The only conventional provider I can find who is willing to try anything on the large liver mass is my radiation oncologist. I am set to start proton beam radiation this coming week, and the treatment course is expected to take about a month. I have no idea what to expect, but because of the large size and location, as well as involvement of the inferior vena cava, the rad onc is worried about how sick I could get. Idk how much I’ll be able to eat, keep down, detox, or digest… I already have terrible abdominal pain and pressure, and because of the restricted blood flow in the IVC, I get extremely short of breath, weak, with heavy, painful, shaky legs any time I bend at the waist or take even 2 stairs. Lymph and blood flow are restricted below the liver, so I have a lot of fluid retention, lymphedema, and more nerve pain now. Many mornings are spent on the couch writhing in pain for hours as I try to deal with the severe radiating pain down my leg, in my low back, and through my whole abdomen. Sadly, nothing really works to alleviate the pain.

What’s probably one of the hardest things to deal with is knowing I have a bunch of integrative tools at my disposal, but my body simply won’t tolerate them anymore. When I push, I’m met with horrible reactions that last days and only result in further tumor swelling/growth.

Needless to say, I have been very lost and simply incapable of doing much more than trying my damnedest to survive each day. Life barely feels real anymore.

I have SO many negative emotions toward certain providers and their lies, misinformation, inflammatory statements, and omission of extremely critical information over the last 6 years. I am working to process all of this, because I know it isn’t doing me any good. As both a patient and provider though, it makes me completely disgusted with the way conventional oncology is run in our country. There have been some angels in this hell, but unfortunately it isn’t the norm.

Six years in, and there are very few stones I’ve left unturned. Yet here I am, fighting for my life harder than I ever have, with seemingly few options remaining. I still believe, somehow, someway, there IS a path to true healing for me. I don’t know what it is. My senses don’t perceive it. But my heart and soul believe.

I don’t know what the next month will bring with treatment, or if I’ll have the capacity to keep everyone updated. Honestly, right now, I can Barely take care of my Very basic needs each day. Thank you in advance for your understanding, prayers, and support.

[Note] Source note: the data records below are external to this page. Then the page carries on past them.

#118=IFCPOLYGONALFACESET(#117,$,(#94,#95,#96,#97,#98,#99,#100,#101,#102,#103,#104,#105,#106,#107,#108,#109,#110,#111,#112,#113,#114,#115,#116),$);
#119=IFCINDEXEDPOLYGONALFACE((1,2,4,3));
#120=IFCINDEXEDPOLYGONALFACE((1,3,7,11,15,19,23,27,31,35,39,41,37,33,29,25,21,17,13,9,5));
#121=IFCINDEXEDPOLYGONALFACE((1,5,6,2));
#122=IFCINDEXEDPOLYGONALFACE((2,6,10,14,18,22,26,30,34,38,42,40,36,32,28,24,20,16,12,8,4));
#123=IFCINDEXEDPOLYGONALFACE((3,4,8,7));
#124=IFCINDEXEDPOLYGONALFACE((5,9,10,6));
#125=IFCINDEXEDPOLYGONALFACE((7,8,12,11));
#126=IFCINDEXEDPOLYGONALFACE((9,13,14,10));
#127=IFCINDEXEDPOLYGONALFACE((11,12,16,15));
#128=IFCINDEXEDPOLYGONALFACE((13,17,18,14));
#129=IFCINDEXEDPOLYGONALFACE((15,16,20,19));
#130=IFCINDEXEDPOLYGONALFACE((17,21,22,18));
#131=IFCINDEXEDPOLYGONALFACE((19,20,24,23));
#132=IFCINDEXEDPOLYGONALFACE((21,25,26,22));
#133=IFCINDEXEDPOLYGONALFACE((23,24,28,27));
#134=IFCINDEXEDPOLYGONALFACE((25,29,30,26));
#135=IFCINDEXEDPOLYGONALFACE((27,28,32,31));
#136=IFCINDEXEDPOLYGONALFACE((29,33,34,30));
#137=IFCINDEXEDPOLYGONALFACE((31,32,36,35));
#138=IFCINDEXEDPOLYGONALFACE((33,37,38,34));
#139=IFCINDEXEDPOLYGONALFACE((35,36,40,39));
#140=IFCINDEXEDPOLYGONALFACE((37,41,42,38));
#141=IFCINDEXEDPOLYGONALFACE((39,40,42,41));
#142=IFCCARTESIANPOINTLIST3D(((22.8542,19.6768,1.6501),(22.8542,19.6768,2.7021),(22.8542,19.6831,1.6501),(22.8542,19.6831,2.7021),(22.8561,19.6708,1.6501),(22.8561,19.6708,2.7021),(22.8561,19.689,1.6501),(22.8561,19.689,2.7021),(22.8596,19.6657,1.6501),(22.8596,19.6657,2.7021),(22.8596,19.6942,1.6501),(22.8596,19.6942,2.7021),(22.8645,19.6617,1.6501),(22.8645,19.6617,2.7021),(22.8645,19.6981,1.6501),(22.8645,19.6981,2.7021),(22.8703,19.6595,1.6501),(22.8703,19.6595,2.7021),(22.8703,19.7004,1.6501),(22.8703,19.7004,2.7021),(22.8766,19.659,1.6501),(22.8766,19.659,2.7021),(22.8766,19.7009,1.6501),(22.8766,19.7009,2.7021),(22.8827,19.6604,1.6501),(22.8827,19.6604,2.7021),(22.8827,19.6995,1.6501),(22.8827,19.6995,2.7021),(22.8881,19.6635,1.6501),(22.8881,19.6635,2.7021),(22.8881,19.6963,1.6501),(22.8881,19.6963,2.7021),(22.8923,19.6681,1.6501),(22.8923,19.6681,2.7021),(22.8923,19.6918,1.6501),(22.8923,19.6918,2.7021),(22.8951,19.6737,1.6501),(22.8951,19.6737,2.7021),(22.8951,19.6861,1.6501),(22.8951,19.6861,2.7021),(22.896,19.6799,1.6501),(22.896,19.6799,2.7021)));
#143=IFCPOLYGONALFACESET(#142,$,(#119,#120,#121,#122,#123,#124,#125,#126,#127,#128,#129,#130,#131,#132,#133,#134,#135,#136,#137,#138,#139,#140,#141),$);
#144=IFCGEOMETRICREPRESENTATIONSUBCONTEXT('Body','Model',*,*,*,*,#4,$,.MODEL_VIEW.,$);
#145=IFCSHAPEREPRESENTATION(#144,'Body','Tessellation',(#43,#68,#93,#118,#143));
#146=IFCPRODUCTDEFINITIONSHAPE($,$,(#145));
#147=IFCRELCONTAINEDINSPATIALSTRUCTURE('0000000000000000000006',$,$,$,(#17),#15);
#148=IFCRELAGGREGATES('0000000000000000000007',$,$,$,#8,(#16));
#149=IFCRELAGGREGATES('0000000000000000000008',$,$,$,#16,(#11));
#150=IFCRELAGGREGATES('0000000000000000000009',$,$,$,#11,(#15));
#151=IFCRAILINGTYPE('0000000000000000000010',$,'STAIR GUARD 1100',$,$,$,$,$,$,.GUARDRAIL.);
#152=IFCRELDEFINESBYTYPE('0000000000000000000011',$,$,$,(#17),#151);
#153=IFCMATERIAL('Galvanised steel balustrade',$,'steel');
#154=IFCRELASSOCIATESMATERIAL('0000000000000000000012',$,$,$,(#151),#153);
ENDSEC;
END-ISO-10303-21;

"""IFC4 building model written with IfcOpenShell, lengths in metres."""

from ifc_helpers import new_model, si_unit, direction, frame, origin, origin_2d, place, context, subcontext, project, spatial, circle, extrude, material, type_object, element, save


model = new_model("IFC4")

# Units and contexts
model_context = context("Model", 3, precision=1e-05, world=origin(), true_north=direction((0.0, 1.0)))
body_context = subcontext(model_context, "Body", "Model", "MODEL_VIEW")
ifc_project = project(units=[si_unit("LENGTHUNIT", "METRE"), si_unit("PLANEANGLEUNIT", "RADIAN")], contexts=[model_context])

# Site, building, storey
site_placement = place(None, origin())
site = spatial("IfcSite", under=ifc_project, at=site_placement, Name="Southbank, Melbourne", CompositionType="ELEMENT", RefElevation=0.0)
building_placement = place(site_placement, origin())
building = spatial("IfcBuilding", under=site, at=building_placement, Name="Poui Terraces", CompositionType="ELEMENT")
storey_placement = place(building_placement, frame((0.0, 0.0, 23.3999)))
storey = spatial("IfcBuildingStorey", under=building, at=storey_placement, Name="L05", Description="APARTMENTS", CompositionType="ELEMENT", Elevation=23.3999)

Proton Radiation Complete + Updates

Proton radiation is finally complete! I finished my 8th treatment today and am very glad to be done! The treatment area is tender, tight, and sore, and the increased fatigue has been noticeable.

I’m doing my best to focus on the achievement, but the victory feels short-lived, as I have to go back on Friday for an abdominal MRI. I am also scheduled to have a procedure called a hepatic artery embolization on December 9 to deal with the 2 large liver lesions. I had hoped for the possibility of a non-invasive option, but I’m unfortunately not a candidate for that procedure at this time. The embolization will require a hospital stay, and side effects and recovery could last up to 10 or so days. The hope with this procedure is to cut off blood supply to the masses, so that they die… sometimes patients need more than 1 procedure to make this happen. I am really nervous about it all, but relieved to have an option that is less detrimental than another major surgery or more radiation.

I have barely had a chance to think about or plan for Christmas. We still have our Halloween decorations up. Normally by now we’re done decorating, wearing our Christmas jammies, and watching holiday movies. To be honest, it’s been tough to get in the spirit this year… it’s been a non-stop tsunami of crap these last couple of months, and it unfortunately continues. I can barely keep my head on straight.

Still praying for a Christmas miracle to be cancer-free. Healed. Healthy. Home and happy with my family. 🙏❤️

7 down, 1 to go!

Radiation #7 complete: Only 1 more to go! Feeling a refreshing touch of hope after my consult with interventional radiology yesterday. They have 1, possibly 2, better options for helping treat the liver mets. I’m waiting to hear back from them about the 2nd, but either way, it is looking like I won’t be facing another major abdominal surgery or more radiation with the potential for detrimental side effects due to their size! While (like anything) either of these treatment options would come with their own risks, they seem like something I could actually handle right now 🙏

Please keep those prayers coming! I know they’re being heard and are helping! 🙏❤️

Radiation #6 Complete

Bittersweet completion of radiation treatment #6 yesterday. As I tried to awkwardly hold up 6 fingers in the dressing room mirror, tears welled up in my eyes. I didn’t get much sleep the night before, as I had learned right before bed of the sudden passing of a very important person in my life.

Renee Felchle Burns was one of my biggest supporters and cheerleaders these past few years, but her impact went back to my childhood. Renee was one of my teachers, and had an incredible influence on my life. She saw something in me few others did or bothered to mention. To this day, I still have some of the work she graded because her words of encouragement and praise were so powerful. When I began documenting my journey with cancer, Renee immediately understood and appreciated the cathartic nature of being able to write it all out, and encouraged me to continue to do so. While it has helped me keep people up to date more efficiently, the writing process is also therapeutic, and she recognized that.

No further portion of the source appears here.